Fusion or Confusion? Multimodal Complexity Is Not All You Need
This work addresses methodological rigor in multimodal learning research, highlighting that incremental architectural novelty may not yield reliable gains, which is important for researchers and practitioners seeking robust and trustworthy evaluations.
The authors challenged the assumption that complex multimodal architectures improve performance by conducting a large-scale empirical study of 19 methods under standardized conditions, finding that a simple late-fusion Transformer baseline (SimBaMM) often performs on par with or better than more complex methods, especially in small-data settings.

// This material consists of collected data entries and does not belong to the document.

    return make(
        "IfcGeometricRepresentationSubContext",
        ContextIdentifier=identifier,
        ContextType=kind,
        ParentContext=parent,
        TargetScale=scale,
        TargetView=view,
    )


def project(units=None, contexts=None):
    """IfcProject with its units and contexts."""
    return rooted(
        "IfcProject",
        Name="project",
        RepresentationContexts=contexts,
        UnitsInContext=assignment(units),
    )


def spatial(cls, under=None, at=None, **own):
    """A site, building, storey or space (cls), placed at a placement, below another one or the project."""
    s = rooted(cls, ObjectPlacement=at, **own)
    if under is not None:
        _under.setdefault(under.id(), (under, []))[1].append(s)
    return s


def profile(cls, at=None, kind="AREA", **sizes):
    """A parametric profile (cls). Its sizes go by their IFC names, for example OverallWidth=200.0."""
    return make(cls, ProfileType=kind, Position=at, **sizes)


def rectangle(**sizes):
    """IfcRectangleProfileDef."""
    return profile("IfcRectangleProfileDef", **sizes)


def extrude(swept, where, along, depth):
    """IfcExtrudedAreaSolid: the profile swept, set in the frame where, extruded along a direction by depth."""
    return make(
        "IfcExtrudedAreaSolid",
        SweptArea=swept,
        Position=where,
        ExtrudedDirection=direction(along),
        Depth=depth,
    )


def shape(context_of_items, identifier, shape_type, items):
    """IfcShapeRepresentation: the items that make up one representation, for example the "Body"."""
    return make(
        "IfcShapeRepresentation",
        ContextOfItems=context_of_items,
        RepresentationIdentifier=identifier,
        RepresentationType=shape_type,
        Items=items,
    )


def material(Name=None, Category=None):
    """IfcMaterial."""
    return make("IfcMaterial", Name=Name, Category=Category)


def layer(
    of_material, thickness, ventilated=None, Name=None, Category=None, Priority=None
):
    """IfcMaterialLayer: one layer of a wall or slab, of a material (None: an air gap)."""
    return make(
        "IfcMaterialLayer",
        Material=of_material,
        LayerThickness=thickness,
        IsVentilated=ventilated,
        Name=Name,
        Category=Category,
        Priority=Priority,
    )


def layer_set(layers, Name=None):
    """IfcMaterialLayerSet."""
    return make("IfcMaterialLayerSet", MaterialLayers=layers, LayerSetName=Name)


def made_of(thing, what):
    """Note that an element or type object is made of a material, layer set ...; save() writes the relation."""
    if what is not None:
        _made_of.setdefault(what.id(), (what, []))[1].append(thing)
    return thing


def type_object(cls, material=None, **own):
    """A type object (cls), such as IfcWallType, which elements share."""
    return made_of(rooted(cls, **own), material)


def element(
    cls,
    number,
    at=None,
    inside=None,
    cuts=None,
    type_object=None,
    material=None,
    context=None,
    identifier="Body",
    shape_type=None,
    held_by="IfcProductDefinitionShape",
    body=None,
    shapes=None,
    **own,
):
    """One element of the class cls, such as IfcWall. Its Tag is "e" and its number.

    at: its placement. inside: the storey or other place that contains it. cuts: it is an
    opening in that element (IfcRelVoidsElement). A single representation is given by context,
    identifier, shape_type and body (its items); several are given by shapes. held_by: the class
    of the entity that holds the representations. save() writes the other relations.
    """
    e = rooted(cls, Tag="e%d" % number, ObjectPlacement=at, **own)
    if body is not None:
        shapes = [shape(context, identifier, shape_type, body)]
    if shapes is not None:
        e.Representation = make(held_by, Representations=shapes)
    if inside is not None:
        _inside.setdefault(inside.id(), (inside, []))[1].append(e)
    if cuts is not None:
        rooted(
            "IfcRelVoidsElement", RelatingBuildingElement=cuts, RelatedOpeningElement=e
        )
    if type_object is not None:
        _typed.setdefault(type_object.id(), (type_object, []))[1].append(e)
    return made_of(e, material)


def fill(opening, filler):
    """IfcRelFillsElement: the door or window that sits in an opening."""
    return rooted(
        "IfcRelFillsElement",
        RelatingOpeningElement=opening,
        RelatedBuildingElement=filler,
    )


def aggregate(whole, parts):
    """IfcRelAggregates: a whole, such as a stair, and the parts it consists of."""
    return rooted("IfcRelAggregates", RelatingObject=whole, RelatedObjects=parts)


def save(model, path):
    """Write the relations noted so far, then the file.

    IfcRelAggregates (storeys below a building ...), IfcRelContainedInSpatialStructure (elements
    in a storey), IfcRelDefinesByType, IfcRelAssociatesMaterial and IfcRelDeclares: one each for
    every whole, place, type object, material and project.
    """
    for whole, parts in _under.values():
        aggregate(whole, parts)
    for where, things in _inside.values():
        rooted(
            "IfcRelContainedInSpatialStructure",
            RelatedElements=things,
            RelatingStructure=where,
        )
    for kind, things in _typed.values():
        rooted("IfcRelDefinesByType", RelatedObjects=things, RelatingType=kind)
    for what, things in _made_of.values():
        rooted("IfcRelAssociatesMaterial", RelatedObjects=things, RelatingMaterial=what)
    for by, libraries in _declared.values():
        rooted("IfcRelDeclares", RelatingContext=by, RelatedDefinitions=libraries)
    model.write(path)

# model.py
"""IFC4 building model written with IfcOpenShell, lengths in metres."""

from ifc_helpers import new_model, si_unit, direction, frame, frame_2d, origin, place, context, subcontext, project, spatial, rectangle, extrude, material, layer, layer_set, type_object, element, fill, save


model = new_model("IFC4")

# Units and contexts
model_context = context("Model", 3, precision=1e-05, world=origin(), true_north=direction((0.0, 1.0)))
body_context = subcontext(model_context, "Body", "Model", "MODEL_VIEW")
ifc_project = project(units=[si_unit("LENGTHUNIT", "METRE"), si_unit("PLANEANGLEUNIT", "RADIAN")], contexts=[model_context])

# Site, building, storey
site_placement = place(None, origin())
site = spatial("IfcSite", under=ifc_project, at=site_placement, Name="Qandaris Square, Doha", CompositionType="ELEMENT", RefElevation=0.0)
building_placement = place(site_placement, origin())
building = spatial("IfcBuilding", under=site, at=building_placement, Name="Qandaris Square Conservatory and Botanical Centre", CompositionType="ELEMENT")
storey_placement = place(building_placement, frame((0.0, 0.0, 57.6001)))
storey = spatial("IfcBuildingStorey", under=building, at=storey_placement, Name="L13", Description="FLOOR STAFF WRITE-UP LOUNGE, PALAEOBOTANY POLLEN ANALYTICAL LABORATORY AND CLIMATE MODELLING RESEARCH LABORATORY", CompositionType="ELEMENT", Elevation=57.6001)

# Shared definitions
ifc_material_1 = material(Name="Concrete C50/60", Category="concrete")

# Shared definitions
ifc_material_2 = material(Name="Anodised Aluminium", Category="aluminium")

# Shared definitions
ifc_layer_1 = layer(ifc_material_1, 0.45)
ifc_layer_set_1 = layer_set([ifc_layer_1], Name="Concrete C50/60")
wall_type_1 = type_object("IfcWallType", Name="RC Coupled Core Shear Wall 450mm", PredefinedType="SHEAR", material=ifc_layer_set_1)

Deep learning architectures for multimodal learning have increased in complexity, driven by the assumption that multimodal-specific methods improve performance. We challenge this assumption through a large-scale empirical study reimplementing 19 high-impact methods under standardized conditions. We evaluate them across nine diverse datasets with up to 23 modalities, and test their generalizability to new tasks beyond their original scope, including settings with missing modalities. We propose a Simple Baseline for Multimodal Learning (SimBaMM), a late-fusion Transformer architecture, and demonstrate that under standardized experimental conditions with rigorous hyperparameter tuning of all methods, more complex architectures do not reliably outperform SimBaMM. Statistical analyses show that complex methods perform on par with SimBaMM and often fail to consistently outperform well-tuned unimodal baselines, especially in small-data settings. To support our findings, we include a case study highlighting common methodological shortcomings in the literature followed by a pragmatic reliability checklist to promote comparable, robust, and trustworthy future evaluations. In summary, we argue for a shift in focus: away from the pursuit of architectural novelty and toward methodological rigor.